The trip was not a humanitarian mission. The three senators initially travelled to South Korea for meetings on Friday and Saturday with foreign ministry and defence officials to discuss the US-South Korean military alliance. The stop in Taiwan was a carefully orchestrated part of this same trip, designed to deepen Washington’s military cooperation with allies in the region, which include plans to station US missiles within striking distance of major Chinese cities.
The three senators met with President Tsai Ing-wen and Foreign Minister Joseph Wu, who used the visit to once again attack Beijing and blame it for Taiwan’s inability to procure enough vaccines for its population. Taipei has accused Beijing of interfering in a deal between the island and Germany’s BioNTech for vaccines, a charge that the Chinese government denies.
The decision to use a military plane for the trip has not gone unnoticed in Beijing. As Washington and Taipei have no formal diplomatic relations, cooperation between the US and Taiwanese militaries and governments is a challenge to the “One China” policy, which states that Taiwan is a Chinese territory.
The attempts to undermine this diplomatic norm began under Donald Trump and are being accelerated by the Biden administration, which even invited a Taiwanese diplomat to Biden’s inauguration in January.
Following World War II, Taiwan, a Japanese colony from 1895–1945, was returned to China, which was then ruled by Chiang Kai-shek’s Kuomintang (KMT). After being defeated in the Chinese Revolution of 1949, the KMT subsequently fled to Taiwan, where they were protected by the United States and allowed to posture as the legitimate government of all of China, even occupying one of the five permanent seats in the United Nations Security Council.

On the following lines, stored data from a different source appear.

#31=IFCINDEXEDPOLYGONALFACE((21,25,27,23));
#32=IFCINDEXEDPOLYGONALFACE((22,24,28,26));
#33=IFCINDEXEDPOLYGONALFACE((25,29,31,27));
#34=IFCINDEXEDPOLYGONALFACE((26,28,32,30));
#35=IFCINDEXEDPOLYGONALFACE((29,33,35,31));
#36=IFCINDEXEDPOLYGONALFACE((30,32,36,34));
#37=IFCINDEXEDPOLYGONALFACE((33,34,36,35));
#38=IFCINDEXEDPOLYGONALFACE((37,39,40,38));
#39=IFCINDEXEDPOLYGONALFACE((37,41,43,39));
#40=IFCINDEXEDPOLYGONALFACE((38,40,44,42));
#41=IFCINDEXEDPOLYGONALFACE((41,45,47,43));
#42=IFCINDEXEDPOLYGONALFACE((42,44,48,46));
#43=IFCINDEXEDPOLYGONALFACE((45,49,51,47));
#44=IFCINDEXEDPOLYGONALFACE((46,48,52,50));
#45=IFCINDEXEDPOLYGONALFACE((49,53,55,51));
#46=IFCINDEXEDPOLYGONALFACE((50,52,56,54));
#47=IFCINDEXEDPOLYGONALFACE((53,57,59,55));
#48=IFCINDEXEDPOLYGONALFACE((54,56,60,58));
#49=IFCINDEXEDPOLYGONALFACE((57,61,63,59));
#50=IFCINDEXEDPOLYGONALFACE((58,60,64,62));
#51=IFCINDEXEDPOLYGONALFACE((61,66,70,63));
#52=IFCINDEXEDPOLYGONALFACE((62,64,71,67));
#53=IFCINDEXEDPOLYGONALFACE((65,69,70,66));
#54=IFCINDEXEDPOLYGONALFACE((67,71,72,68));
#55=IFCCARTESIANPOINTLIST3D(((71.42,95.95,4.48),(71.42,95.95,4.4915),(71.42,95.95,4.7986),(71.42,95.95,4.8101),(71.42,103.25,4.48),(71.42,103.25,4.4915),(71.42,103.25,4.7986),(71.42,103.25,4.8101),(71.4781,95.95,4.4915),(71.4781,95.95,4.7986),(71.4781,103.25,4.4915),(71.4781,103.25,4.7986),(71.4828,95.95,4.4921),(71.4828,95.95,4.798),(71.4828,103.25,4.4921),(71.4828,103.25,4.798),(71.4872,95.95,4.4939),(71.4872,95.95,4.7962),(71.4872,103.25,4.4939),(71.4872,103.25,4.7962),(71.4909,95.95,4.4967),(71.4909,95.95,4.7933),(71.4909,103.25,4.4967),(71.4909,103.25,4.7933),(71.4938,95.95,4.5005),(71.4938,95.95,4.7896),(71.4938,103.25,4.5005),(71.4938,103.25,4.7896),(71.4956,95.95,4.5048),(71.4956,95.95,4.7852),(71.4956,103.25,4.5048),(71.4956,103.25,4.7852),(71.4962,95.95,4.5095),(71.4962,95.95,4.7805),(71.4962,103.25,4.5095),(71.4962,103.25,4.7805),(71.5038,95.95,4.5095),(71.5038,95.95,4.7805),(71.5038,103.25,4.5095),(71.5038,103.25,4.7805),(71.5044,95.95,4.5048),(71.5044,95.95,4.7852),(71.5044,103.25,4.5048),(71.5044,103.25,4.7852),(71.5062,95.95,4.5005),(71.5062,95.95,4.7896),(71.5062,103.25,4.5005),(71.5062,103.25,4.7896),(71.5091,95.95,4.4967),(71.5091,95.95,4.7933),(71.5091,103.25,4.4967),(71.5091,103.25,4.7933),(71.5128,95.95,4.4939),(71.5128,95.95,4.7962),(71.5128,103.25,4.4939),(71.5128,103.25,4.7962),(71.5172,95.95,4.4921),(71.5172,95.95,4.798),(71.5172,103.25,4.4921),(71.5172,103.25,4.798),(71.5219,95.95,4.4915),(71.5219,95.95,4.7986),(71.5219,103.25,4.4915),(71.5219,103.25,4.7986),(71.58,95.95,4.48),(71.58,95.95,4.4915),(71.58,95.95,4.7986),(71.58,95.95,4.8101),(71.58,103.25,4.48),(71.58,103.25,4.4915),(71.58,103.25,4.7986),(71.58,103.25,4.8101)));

Beginning in 1971 under President Richard Nixon, the US engaged in negotiations with Beijing as part of a tactical manoeuvre aimed at undermining the Soviet Union. This led to Washington’s recognition of Beijing as the legitimate government of all of China and the cutting off formal relations with Taiwan in 1979. The switch to Beijing also allowed Washington to exploit the Chinese mainland as a source of cheap labour power as Beijing accelerated the process of restoring capitalism in the 1980s.
However, with China’s development into the world’s second largest economy and an economic competitor to the US, Washington is attempting to use its own economic and military might to pressure Beijing and force it to accept US hegemony in the region.
While countries like the US have hoarded vaccines this year, China has offered doses to countries in the region, leading to charges of “vaccine diplomacy” from Washington and Tokyo. Beijing has offered its own vaccine to Taipei, which rejected it.
The actions of US imperialism are clearly risking the outbreak of a major war with China that would ultimately engulf the entire globe. Biden is stepping up US efforts, begun under Obama and intensified under Trump, to undermine Beijing to offset its own relative economic decline.
The Biden White House is also seeking to deflect internal class tensions outward, particularly over the ruling elite’s catastrophic handling of the COVID-19 pandemic, with every response driven by the profit concerns of big business, at the expense of nearly 600,000 lives, even by the official statistics.